Há tempos venho observando o quanto o trabalho pode ser um fardo penoso para algumas pessoas a ponto de adoecê-las, diminuindo sensivelmente sua produtividade e, invariavelmente, impactando negativamente o ambiente corporativo e a todos que, de alguma forma, lidam com indivíduos desmotivados e sem perspectivas.

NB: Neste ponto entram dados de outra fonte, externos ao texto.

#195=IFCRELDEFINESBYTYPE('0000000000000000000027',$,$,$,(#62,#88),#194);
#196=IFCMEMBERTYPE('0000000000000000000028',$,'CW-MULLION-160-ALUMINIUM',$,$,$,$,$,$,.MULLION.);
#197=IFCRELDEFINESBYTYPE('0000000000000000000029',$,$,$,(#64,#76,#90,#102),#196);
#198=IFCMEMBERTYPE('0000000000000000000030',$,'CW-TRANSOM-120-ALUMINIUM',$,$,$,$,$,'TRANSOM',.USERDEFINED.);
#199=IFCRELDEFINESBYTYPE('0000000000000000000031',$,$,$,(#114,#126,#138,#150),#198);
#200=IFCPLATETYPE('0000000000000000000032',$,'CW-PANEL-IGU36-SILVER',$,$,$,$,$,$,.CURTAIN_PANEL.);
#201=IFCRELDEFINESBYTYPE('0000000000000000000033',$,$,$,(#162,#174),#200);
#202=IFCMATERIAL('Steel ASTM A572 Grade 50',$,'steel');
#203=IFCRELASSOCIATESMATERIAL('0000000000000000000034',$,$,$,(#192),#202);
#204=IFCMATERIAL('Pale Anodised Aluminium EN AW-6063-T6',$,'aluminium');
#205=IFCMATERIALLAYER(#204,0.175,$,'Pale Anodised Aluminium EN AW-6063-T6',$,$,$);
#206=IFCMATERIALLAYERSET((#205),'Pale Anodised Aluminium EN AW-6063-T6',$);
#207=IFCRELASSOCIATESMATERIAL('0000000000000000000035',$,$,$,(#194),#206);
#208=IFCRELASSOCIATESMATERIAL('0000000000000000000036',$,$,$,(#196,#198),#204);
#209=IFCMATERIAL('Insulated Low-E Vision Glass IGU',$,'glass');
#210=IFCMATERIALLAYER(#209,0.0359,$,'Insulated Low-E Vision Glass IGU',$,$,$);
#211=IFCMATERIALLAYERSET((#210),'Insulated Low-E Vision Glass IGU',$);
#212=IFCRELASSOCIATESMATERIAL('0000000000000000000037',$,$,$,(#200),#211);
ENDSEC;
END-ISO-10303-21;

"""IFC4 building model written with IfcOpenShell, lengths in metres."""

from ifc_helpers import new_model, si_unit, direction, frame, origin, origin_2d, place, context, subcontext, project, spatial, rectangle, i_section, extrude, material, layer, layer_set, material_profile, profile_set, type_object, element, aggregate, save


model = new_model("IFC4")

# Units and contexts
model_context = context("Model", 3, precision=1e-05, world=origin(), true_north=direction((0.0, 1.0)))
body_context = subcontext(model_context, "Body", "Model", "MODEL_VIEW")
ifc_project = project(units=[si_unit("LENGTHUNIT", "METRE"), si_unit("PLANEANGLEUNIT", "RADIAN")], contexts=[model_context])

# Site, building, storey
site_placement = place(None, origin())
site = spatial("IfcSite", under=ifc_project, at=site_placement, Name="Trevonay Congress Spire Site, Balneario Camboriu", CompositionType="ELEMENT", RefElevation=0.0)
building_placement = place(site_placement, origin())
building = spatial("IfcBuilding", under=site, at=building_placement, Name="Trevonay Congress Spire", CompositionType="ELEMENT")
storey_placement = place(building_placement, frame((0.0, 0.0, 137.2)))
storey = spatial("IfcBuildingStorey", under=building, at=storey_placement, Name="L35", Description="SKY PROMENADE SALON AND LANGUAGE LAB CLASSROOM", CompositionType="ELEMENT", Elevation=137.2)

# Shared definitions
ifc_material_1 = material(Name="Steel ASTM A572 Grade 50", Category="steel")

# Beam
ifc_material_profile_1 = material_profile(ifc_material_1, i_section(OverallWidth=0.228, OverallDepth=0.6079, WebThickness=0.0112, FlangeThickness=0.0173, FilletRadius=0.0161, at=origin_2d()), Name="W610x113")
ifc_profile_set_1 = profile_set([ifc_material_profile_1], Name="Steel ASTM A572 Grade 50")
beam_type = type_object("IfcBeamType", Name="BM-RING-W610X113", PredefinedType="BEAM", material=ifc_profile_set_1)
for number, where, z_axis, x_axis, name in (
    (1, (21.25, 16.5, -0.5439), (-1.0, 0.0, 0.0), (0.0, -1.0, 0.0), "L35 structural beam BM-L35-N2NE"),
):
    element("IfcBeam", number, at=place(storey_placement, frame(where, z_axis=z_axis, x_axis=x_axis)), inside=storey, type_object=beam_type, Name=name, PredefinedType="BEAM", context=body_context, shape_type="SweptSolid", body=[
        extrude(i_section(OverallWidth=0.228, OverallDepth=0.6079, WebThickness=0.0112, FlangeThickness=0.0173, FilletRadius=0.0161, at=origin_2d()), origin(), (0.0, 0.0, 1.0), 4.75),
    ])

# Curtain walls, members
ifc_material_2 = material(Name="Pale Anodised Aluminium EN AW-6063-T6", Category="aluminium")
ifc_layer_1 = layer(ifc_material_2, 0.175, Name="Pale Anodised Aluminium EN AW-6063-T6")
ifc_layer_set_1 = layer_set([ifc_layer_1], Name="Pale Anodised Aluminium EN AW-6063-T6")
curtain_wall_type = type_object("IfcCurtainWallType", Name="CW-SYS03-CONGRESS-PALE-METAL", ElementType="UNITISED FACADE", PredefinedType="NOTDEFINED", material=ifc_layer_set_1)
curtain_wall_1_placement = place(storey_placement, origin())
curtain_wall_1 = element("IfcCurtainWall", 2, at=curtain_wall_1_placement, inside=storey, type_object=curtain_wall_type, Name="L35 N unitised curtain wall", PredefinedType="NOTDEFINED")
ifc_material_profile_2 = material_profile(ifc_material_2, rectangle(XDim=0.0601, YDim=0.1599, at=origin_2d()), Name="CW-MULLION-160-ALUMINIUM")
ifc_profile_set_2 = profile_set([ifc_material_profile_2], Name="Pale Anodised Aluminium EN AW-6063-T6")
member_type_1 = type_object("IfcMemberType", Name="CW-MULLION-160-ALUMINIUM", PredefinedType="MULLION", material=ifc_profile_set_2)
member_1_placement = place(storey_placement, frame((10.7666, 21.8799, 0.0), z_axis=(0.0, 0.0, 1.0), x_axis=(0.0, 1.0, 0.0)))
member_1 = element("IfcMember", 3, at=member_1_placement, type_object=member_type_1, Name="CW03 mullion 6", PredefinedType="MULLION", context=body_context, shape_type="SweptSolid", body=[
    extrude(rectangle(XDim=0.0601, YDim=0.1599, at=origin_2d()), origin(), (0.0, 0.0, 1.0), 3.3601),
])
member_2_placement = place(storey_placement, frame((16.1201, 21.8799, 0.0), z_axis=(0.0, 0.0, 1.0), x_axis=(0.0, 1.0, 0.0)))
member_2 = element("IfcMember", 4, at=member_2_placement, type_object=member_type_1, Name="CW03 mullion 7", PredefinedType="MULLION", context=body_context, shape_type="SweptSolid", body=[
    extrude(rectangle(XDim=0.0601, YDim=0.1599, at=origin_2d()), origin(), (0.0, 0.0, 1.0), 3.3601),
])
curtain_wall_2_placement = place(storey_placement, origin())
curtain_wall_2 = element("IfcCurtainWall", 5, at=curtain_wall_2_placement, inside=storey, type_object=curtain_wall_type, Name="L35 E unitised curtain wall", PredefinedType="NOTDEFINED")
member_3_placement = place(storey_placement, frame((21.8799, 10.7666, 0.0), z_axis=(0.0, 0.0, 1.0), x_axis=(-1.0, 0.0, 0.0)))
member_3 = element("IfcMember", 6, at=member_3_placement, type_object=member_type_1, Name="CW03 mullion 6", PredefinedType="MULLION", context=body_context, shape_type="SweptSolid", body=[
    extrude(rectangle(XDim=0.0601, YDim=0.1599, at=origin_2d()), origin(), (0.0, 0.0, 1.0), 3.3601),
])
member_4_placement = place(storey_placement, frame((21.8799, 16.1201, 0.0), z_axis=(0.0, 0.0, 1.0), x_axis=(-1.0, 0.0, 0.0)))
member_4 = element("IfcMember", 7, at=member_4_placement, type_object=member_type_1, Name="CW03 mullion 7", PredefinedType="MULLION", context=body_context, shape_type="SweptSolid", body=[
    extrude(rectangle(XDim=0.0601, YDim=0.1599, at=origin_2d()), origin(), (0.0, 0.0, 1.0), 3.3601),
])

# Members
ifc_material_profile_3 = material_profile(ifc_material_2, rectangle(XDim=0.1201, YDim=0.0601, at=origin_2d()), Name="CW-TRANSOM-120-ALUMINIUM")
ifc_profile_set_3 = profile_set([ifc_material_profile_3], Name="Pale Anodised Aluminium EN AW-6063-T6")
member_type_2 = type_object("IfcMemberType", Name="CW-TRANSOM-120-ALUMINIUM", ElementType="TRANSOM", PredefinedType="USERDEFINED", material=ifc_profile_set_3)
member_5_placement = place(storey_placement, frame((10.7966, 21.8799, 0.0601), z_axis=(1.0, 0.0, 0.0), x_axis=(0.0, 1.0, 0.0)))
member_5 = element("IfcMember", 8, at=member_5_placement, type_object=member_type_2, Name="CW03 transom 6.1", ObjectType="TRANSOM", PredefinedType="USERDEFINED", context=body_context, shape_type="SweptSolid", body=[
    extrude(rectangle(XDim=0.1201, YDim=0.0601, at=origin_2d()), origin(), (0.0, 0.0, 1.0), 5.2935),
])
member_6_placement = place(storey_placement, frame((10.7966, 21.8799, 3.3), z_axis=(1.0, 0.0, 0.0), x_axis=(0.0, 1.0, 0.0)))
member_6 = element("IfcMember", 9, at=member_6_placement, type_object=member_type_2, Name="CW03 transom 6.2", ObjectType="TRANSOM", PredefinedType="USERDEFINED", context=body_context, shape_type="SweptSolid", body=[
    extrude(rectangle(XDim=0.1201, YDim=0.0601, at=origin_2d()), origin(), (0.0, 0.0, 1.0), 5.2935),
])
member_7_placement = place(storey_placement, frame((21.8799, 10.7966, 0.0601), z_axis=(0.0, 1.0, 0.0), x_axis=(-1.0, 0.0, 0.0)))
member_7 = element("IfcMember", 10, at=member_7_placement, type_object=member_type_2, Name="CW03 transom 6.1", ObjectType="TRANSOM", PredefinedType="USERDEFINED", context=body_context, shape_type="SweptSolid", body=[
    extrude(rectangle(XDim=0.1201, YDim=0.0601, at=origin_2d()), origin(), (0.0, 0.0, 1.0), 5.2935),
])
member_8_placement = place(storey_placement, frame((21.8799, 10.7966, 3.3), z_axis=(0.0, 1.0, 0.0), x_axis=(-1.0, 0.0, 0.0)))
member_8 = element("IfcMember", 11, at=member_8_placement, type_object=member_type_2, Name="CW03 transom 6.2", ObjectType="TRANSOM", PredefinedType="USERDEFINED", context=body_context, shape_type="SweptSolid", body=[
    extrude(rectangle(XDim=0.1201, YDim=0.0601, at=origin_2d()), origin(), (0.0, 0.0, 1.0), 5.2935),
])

A desmotivação pode estar alicerçada em diferentes causas, desde a insatisfação com as tarefas a serem desempenhadas, ausência de contrapartida financeira adequada, até a sensação de impotência em exercer determinadas atividades que não geram resultados perceptíveis no contexto social, o famoso "enxugar gelo". Não se discute que há muitas situações que abalam o entusiasmo de qualquer cristão contudo, manter um contínuo padrão mental de insatisfação é que são elas.
Ao mesmo tempo em que se percebe uma total falta de sintonia e de conexão entre quem faz com aquilo que se faz, também salta aos olhos o quanto pessoas infelizes com as funções que desempenham não se movimentam para buscar uma atividade gratificante e que lhe tragam mais prazer e possam expandir as suas potencialidades.

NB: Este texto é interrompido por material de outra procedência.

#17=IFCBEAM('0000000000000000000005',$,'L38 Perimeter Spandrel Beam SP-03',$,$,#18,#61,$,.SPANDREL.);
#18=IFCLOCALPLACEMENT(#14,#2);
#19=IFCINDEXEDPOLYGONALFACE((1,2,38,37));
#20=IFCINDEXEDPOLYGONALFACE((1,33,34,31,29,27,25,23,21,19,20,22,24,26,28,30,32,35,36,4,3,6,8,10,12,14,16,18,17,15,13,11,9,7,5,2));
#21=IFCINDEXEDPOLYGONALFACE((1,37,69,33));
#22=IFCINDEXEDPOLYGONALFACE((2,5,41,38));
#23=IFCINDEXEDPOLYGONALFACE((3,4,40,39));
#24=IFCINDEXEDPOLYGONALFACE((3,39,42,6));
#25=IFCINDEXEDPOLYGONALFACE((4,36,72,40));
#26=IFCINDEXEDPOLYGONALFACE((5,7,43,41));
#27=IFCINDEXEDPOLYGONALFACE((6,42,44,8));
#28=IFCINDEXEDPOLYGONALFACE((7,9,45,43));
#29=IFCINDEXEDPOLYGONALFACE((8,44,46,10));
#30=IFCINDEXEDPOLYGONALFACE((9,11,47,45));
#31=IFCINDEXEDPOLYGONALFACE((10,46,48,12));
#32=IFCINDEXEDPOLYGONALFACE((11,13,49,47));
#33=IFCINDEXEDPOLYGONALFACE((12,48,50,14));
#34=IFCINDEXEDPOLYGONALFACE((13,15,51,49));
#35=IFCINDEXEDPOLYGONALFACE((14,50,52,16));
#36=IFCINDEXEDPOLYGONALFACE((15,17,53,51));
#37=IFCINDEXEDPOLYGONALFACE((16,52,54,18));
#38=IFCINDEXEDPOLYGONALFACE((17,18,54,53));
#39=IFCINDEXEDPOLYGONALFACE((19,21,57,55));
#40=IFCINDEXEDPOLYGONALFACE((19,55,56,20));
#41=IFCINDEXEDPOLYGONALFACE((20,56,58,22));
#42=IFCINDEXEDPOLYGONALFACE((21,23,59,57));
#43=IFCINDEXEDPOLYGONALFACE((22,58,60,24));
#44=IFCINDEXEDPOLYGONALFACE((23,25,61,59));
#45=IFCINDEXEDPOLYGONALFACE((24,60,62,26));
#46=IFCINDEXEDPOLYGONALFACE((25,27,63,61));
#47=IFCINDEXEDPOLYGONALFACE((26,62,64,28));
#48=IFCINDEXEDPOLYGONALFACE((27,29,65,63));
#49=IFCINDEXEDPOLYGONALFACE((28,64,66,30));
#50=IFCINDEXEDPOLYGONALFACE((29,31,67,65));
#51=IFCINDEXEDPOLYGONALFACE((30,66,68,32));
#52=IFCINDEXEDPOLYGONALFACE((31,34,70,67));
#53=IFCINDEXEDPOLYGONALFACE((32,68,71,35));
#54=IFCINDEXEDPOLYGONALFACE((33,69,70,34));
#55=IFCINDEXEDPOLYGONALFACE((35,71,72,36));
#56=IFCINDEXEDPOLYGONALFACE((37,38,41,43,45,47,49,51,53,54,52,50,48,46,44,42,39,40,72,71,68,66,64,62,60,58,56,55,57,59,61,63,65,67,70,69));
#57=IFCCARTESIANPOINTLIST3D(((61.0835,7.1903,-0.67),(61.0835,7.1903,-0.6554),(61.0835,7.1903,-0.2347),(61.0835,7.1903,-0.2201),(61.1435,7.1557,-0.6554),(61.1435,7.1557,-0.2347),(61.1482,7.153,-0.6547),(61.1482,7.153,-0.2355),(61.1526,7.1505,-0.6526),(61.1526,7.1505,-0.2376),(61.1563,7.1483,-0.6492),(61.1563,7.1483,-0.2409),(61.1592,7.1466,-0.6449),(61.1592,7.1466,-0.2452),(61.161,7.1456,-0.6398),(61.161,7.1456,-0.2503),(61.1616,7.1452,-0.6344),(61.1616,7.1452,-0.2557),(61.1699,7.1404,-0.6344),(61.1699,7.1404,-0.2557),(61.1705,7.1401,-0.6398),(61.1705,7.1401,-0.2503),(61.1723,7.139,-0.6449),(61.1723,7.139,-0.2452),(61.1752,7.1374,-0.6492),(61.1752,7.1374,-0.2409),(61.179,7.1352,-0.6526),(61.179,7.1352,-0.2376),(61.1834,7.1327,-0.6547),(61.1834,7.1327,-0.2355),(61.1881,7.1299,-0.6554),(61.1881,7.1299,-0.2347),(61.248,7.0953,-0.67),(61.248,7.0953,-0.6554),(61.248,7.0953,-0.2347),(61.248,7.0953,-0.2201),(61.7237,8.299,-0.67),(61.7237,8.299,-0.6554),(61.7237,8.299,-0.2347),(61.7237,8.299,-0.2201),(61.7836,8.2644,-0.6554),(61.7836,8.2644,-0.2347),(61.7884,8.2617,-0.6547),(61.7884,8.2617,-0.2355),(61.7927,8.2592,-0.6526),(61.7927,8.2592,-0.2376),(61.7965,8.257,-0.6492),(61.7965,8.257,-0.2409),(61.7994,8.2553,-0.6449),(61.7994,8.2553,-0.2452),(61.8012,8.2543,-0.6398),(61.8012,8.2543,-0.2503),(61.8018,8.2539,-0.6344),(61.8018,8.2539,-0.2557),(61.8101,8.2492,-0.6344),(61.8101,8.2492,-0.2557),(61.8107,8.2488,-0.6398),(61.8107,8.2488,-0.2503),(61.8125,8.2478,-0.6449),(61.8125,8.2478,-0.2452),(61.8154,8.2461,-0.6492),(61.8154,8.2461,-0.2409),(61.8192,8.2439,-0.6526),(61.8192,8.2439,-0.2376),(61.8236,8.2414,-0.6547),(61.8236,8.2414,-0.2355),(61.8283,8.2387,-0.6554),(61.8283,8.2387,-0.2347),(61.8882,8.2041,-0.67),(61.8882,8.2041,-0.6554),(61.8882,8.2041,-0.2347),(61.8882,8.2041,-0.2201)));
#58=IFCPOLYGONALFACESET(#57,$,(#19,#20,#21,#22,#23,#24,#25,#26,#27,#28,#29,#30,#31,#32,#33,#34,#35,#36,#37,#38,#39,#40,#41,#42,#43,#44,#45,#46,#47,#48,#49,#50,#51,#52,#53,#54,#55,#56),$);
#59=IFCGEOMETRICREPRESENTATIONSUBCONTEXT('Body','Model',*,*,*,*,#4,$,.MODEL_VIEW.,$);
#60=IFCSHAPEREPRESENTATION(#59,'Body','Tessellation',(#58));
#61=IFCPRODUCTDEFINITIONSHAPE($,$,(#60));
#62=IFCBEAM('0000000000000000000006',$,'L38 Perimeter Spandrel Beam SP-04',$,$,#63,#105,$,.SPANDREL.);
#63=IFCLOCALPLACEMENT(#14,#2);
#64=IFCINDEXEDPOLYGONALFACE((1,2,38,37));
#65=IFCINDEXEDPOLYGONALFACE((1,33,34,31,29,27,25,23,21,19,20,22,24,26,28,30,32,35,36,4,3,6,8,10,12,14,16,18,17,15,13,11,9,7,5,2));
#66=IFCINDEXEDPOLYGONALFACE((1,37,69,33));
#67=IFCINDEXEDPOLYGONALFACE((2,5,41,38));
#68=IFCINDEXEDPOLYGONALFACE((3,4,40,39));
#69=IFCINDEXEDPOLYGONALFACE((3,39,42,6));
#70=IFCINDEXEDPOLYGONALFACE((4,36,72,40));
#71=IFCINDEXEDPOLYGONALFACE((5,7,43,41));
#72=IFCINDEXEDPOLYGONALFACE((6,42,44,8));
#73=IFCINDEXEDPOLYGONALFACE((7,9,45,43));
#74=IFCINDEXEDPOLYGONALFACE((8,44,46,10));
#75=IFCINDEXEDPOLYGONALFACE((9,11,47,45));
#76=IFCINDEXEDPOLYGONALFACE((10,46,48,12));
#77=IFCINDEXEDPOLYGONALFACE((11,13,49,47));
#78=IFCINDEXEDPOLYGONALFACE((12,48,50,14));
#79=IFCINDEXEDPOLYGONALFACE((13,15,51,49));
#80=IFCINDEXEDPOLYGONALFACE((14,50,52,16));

Em mais de 30 anos de serviço público tenho convivido com servidores que encontram-se em situação semelhante, desmotivados e sem grande aderência aos compromissos e às missões do órgão, sem dizer da cotidiana ausência de entusiasmo e de propósitos na execução das tarefas que são de sua atribuição. O "sistema" contribui, algumas vezes, para esse massacre, mas há casos em que a paralisia é inerente ao ser e aos seu contexto pessoal.
Ligados no modo "automático" fazem o estritamente necessário, não se envolvem em outras atividades e nem se sentem estimulados a buscar inovações ou experimentar novos desafios no campo profissional.
Os sentimentos de pertencimento e de identidade são quase inexistentes, salvos pelos crachás e funcionais que lhes pesam como grilhões nos bolsos e pescoços. Acostumados ao voluntário cárcere, arrastam orgulhosos seus lamentos e ais pelos corredores dos órgãos e não cogitam sequer mudar de vida e dar espaço para que outros possam ocupar aquele posto de trabalho.....são tantos esperando para serem nomeados e finalmente tomar posse em um cargo público, disputado em concursos cada vez mais difíceis e escassos.
Esse calvário transforma inevitavelmente qualquer trabalho num castigo e, antes de imputar a fatores externos a culpa pelo martírio diário, há que se fazer uma varredura interna para descobrir se a razão de tanta insatisfação não é fruto de um descontentamento do ser consigo mesmo, sombra que acompanhará a pessoa onde quer que ela vá, do chão da fábrica à cadeira da presidência da corporação.
Enfim, essa reflexão não veio por acaso, tem muito do meu dia e também, pelo contraste da narrativa, remete ao belíssimo texto do filósofo e poeta árabe, Khalil Gibran, inserido na obra O Profeta, que li dias atrás e onde ele sustenta que o trabalho é o amor tornado visível.
A obra é conjunto de meditações poéticas sobre diversos temas e, em determinado momento um fazendeiro lhe pede que fale sobre o trabalho. Ele assim responde:
".... E todo trabalho é vazio, exceto quando há amor;
E quando trabalham com amor se aproximam de si mesmos, e uns dos outros, e de Deus.
E o que é trabalhar com amor?
É tecer uma roupa com os fios do coração, como se aqueles que amam fossem vesti-la.
É construir uma casa com afeto, como se aqueles que amam fossem morar sob esse teto.
É plantar sementes com ternura e colher com alegria, como se aqueles que amam fossem comer desse fruto.
É preencher tudo o que criarem com o sopro de seu próprio espírito,
E saber que todos os que se já se foram os observam neste momento".
Bem-aventurados os que trabalham com prazer e alegria! Dormem em paz e com a consciência tranquila, pois apesar de todas as dificuldades e obstáculos, não deixam de desempenhar da melhor forma possível as suas tarefas!